DEMONSTRATION OF A BALANCE BEAM AID FOR INSTRUCTION IN DIAGNOSIS

Monday, October 24, 2011
Poster Board # 10
(Scientific Abstracts should report the results of original research related to diagnostic error in medicine and must contain quantitative or qualitative data. Each abstract should be 400 words or less, have a descriptive title, and the following 4 sections: background, methods, results, and conclusion; may include 1 table or figure. ) Scientific Abstract

Robert M. Hamm, PhD, University of Oklahoma Health Sciences Center, Oklahoma City, OK and William H. Beasley IV, PhD, Howard Live Oak, Inc., Norman, OK

Background: Understanding the impact of clinical findings in discriminating between possible causes of a patient’s presentation is an essential component of clinical judgment, but students start with no intuitions on these issues. A balance beam offers a visual and physical analogue of the impact of a patient’s signs and symptoms' impact on competing disease hypotheses’ probabilities.

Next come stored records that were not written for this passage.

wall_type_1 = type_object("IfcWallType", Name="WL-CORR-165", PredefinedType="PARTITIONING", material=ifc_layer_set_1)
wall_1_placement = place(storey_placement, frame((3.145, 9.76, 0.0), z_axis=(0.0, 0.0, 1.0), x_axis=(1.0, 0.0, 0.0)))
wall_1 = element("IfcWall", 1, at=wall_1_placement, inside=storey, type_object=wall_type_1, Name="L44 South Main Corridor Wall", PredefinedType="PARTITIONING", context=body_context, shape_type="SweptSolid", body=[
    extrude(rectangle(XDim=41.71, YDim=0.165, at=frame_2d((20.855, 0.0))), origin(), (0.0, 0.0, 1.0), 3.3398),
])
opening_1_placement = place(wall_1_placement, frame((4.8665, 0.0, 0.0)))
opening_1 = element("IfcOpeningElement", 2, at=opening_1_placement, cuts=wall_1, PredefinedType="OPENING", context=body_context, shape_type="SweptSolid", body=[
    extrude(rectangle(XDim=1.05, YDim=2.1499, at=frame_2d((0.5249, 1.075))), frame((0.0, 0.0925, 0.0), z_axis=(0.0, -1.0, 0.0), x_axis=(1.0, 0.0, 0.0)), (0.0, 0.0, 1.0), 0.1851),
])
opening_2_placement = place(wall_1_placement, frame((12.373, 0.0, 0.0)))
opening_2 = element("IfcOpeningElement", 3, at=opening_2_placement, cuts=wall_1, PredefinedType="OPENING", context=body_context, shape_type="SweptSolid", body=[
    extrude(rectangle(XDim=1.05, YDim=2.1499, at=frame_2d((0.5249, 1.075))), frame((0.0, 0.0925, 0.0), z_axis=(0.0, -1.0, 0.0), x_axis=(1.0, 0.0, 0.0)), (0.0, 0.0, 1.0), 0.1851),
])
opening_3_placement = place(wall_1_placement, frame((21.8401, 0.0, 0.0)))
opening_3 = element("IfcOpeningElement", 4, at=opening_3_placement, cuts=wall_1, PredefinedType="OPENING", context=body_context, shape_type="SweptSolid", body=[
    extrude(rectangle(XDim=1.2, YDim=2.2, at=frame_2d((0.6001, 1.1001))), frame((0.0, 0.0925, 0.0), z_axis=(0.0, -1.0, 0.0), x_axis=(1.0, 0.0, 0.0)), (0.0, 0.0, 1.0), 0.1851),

We describe a Balance Beam Aid for Instruction in Diagnosis (BBAID) for training medical students to diagnose a common presentation.

Methods: A balance beam, with one of two competing diseases on each end, and with weights representing particular pieces of evidence placed at appropriate locations on the beam, is a natural physical analogue that can accurately represent the combination of several pieces of evidence with varying ability to discriminate between the disease hypotheses. Calculating Bayes’ Theorem using log(posterior odds) as a function of log(likelihood ratios) and log(prior odds) maps onto the physical forces of weights and helium balloons affecting a balance beam. 

Results:  Our working version of the BBAID for Acute Chest Pain presents a list of potential findings and allows the user to specify whether each is present, absent, or unknown. It displays the likelihood ratios corresponding to positive (LR+) or negative (LR-) observations for each symptom, for any pair of diseases. For each specified finding, a token is placed on the beam at a location whose distance from the fulcrum is proportional to the finding's log(LR), with a downward force (a weight) if the finding is present and an upward force (a balloon) if it is absent. A representation of the summary impact of all evidence is displayed. In a separate matrix display, the current probabilities of all diseases and their pairwise comparisons are shown. Clicking a cell in this matrix causes the corresponding pair's data to be displayed on the balance beam and LRs for that pair to be displayed next to the symptom names.

Conclusion: It is feasible to represent clinical diagnosis on a balance beam, providing a mathematically accurate display of the impact of clinical evidence upon the relative probabilities of two diseases. This holds promise as a tool for research, education, or clinical practice. It is limited by the quality of the input information (sensitivities for relevant symptoms and diagnoses). Its reliance on naïve Bayes' theorem (assuming that symptom impacts are independent) is the same as in other applications.